I have not seen the fish picking at it. My husband has a calcium test that he uses for his salt water tank. I am pretty sure our water is not naturally high in calcium. I wonder if some of the rocks I picked up are high though or maybe this one. I can use his test kit to check.


----------



## notchback65 (Apr 3, 2013)

My Texas Holey Rock,has something similar on them..









My fish do pick at it all the time..
Not sure if it is the same though.


----------



## cichlid-gal (Apr 27, 2012)

Texas kryptonite!


----------



## walzon1 (Jun 17, 2013)

just rub the rock with your finger if it flakes off in chunks or doesn't budge then probably what it is. I also know that LED are great for growing this stuff.


----------



## notchback65 (Apr 3, 2013)

walzon1 said:


> just rub the rock with your finger if it flakes off in chunks or doesn't budge then probably what it is. I also know that LED are great for growing this stuff.

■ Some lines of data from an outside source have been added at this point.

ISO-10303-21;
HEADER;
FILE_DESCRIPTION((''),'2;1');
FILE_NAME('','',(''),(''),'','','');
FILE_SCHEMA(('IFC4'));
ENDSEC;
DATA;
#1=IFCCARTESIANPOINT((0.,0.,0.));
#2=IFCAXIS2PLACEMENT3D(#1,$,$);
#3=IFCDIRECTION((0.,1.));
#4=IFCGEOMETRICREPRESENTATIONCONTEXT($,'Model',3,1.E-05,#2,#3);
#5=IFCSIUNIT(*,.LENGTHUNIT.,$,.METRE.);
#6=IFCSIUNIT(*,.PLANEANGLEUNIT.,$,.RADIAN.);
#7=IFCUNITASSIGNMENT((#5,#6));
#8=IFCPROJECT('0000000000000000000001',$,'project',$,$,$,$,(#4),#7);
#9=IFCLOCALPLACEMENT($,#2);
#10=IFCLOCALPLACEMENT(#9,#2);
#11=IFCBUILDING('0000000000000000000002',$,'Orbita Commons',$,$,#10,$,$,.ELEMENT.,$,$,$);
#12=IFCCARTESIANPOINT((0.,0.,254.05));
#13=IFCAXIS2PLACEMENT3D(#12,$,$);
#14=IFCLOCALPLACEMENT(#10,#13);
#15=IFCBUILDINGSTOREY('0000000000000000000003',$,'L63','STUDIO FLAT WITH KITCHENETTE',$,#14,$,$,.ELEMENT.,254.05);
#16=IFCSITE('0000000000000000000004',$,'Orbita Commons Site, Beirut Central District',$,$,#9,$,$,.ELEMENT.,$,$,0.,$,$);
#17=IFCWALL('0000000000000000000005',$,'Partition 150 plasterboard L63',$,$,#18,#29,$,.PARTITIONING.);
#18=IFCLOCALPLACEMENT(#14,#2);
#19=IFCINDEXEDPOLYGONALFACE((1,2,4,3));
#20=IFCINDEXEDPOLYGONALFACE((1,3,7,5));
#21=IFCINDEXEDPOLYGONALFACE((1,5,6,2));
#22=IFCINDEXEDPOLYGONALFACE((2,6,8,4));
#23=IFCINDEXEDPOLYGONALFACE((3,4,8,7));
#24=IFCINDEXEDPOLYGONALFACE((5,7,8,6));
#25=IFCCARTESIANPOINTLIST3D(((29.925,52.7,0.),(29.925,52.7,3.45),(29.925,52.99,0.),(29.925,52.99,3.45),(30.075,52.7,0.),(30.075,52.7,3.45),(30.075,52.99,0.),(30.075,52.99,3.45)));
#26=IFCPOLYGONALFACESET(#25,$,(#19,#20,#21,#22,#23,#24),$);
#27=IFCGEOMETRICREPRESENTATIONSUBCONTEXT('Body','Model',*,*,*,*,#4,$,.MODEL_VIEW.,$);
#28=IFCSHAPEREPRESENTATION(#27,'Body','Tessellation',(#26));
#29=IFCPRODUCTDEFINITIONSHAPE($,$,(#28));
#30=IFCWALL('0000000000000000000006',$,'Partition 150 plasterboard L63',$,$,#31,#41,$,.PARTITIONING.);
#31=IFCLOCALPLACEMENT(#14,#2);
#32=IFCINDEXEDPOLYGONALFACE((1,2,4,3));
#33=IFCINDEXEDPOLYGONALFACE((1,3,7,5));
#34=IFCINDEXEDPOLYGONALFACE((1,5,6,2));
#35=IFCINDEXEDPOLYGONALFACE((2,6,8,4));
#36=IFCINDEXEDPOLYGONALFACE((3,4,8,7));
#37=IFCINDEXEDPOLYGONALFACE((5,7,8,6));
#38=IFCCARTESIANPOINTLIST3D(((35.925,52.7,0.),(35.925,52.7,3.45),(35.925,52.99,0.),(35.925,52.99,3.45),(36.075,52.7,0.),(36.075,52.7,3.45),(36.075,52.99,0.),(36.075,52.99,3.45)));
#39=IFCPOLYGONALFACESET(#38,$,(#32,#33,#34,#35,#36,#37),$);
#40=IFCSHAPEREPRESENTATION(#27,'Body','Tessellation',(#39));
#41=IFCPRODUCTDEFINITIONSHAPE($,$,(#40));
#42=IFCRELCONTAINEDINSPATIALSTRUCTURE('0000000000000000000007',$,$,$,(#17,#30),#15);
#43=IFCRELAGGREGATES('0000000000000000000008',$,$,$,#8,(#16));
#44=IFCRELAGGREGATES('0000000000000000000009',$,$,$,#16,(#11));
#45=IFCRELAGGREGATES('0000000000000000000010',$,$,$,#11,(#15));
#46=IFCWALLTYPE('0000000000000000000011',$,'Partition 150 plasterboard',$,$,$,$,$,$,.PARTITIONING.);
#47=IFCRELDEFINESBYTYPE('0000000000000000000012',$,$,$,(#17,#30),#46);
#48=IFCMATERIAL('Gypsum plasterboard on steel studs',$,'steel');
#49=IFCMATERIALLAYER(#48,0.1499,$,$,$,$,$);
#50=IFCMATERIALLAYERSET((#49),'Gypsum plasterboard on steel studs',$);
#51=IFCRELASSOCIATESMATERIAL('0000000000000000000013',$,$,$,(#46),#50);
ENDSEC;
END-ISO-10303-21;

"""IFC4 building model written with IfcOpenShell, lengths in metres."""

from ifc_helpers import new_model, si_unit, direction, frame, frame_2d, origin, place, context, subcontext, project, spatial, rectangle, extrude, material, layer, layer_set, type_object, element, save


model = new_model("IFC4")

# Units and contexts
model_context = context("Model", 3, precision=1e-05, world=origin(), true_north=direction((0.0, 1.0)))
body_context = subcontext(model_context, "Body", "Model", "MODEL_VIEW")
ifc_project = project(units=[si_unit("LENGTHUNIT", "METRE"), si_unit("PLANEANGLEUNIT", "RADIAN")], contexts=[model_context])

# Site, building, storey
site_placement = place(None, origin())
site = spatial("IfcSite", under=ifc_project, at=site_placement, Name="Orbita Commons Site, Beirut Central District", CompositionType="ELEMENT", RefElevation=0.0)
building_placement = place(site_placement, origin())
building = spatial("IfcBuilding", under=site, at=building_placement, Name="Orbita Commons", CompositionType="ELEMENT")
storey_placement = place(building_placement, frame((0.0, 0.0, 254.05)))
storey = spatial("IfcBuildingStorey", under=building, at=storey_placement, Name="L63", Description="STUDIO FLAT WITH KITCHENETTE", CompositionType="ELEMENT", Elevation=254.05)

# Walls
ifc_material_1 = material(Name="Gypsum plasterboard on steel studs", Category="steel")
ifc_layer_1 = layer(ifc_material_1, 0.1499)
ifc_layer_set_1 = layer_set([ifc_layer_1], Name="Gypsum plasterboard on steel studs")
wall_type_1 = type_object("IfcWallType", Name="Partition 150 plasterboard", PredefinedType="PARTITIONING", material=ifc_layer_set_1)
for number, where, z_axis, x_axis, name in (
    (1, (30.0, 52.7, 0.0), (0.0, 0.0, 1.0), (0.0, 1.0, 0.0), "Partition 150 plasterboard L63"),
    (2, (36.0, 52.7, 0.0), (0.0, 0.0, 1.0), (0.0, 1.0, 0.0), "Partition 150 plasterboard L63"),
):
    element("IfcWall", number, at=place(storey_placement, frame(where, z_axis=z_axis, x_axis=x_axis)), inside=storey, type_object=wall_type_1, Name=name, PredefinedType="PARTITIONING", context=body_context, shape_type="SweptSolid", body=[
        extrude(rectangle(XDim=0.29, YDim=0.1499, at=frame_2d((0.145, 0.0))), origin(), (0.0, 0.0, 1.0), 3.45),
    ])

save(model, "model.ifc")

Mine doesn't budge at all,I use T5 HO lights.

I actually like the look.

Sorry cichlid-gal,
Didn't mean to hijack your thread.


----------



## Kleovoulos (Jan 6, 2011)

I think is cyanobacteria. http://www.ucmp.berkeley.edu/bacteria/cyanointro.html
If spread you must call Superman :wink:


----------



## cichlid-gal (Apr 27, 2012)

Kleovoulos said:


> I think is cyanobacteria. http://www.ucmpberkeley.edu/bacteria/cyanointro.html
> If spread you must call Superman :wink:


It is not cyanobacteria....cyanobacteria is slimy and gooey and has a totally different appearance than this. This almost seems to be the rock itself changing color. More investigation is needed. I'll give Clark Kent and Lois Lane a call instead :lol:

cyanobacteria
http://www.theaquariumwiki.com/File:Cyanobacteria2.jpg
http://www.theaquariumwiki.com/File:Cyanobacteria3.jpg


----------



## cichlid-gal (Apr 27, 2012)

OK...water parameters are as follows:

Nitrate 5ppm
PH 8.2
KH 8
GH 7
Calcium 60-80 (3-4 drops to change color)
I do not have a phosphate test kit which might be beneficial also.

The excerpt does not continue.